Nein. Pkw-Reifen tragen die Kennzeichnung REGROOVABLE nicht und besitzen auch nicht die dafür nötige Gummireserve unter dem Profil. Ein Schnitt würde das tragende Gewebe freilegen, der Reifen könnte unter Last schlagartig versagen. Zulässig ist das Verfahren ausschließlich bei entsprechend gekennzeichneten Nutzfahrzeugreifen.

### Verliert ein nachgeschnittener Reifen die Eignung zur Runderneuerung?

Das beantworten die Hersteller unterschiedlich. Die Continental-Gruppe weist darauf hin, dass Fremdkörper bei verringerter Grundstärke schneller bis zum Stahlgürtel vordringen können. Michelin berichtet dagegen, die Freigabequote für die eigene Remix-Runderneuerung liege bei nachgeschnittenen und nicht nachgeschnittenen Reifen gleich hoch bei 90 Prozent. Entscheidend ist die Ausführungsqualität, deshalb sollten beide Schritte mit demselben Partner abgestimmt werden.

### Wer darf nachschneiden, und was passiert bei einem Fehlschnitt?

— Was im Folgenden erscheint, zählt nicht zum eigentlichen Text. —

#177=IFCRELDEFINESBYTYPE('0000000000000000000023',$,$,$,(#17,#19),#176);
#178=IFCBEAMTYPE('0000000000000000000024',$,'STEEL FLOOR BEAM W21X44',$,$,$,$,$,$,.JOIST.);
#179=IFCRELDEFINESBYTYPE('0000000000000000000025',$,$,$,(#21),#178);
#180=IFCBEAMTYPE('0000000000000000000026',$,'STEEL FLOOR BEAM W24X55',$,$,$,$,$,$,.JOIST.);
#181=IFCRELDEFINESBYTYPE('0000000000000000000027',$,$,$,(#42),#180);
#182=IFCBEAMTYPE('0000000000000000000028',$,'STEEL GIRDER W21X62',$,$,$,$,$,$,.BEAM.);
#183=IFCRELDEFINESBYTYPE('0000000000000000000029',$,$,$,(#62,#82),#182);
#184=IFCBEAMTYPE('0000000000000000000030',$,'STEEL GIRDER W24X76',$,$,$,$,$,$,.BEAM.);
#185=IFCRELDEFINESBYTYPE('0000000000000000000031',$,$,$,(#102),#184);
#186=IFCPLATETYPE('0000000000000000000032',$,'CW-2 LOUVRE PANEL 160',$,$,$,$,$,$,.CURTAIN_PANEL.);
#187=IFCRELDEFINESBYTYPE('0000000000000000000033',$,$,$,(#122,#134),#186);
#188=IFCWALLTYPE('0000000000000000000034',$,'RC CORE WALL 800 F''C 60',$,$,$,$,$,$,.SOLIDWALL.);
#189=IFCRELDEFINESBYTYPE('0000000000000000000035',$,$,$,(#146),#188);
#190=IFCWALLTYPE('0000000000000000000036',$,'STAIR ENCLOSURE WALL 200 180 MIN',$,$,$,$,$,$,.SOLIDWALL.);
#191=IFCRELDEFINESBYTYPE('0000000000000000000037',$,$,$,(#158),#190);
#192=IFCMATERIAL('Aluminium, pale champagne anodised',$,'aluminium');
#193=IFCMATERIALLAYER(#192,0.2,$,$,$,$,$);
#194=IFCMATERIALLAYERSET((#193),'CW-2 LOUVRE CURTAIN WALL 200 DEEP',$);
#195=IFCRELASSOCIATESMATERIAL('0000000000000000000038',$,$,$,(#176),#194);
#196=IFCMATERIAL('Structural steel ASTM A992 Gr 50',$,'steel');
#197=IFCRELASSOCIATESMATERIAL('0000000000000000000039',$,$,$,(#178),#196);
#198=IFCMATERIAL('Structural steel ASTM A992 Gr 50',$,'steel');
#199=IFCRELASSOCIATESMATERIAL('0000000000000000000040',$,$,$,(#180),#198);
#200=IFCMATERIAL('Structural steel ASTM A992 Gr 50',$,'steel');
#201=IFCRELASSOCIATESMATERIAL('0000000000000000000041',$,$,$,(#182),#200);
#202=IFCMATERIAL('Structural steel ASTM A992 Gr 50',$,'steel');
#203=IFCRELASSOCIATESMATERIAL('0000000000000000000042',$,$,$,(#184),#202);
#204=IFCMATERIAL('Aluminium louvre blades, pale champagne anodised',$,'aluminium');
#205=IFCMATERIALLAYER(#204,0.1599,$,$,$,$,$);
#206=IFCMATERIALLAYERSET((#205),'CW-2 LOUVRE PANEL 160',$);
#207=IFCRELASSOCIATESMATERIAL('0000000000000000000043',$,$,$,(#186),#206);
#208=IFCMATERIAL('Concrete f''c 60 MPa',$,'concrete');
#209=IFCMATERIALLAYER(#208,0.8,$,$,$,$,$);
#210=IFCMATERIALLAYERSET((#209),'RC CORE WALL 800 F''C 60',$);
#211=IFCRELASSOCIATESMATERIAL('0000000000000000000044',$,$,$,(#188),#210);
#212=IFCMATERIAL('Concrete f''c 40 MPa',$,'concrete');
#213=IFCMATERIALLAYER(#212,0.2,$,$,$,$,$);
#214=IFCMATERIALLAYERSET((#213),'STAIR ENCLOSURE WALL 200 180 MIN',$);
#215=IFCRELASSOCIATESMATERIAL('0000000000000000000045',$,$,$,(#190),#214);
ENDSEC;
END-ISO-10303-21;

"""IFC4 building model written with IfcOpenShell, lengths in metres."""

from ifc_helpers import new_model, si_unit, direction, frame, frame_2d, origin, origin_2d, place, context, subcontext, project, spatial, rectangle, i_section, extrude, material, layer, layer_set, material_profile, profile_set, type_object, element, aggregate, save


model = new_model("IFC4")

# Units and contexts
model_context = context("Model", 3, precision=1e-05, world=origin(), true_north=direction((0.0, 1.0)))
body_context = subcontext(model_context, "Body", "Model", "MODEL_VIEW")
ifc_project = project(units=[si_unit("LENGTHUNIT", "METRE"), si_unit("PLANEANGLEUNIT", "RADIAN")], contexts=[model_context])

Die Nachschneiderichtlinien verlangen übereinstimmend qualifizierte Fachkräfte, die nach dem Nachschneidplan des Reifenherstellers arbeiten. Ein zu tiefer oder schräg geführter Schnitt verletzt den Gürtel, und dieser Schaden lässt sich nicht reparieren: Der Reifen ist dann Ausschuss statt wiederverwendbar. Bei einem Neupreis, der in unserem Lkw-Regal im Mittel bei 474,60 Euro liegt, ist das ein teurer Fehler.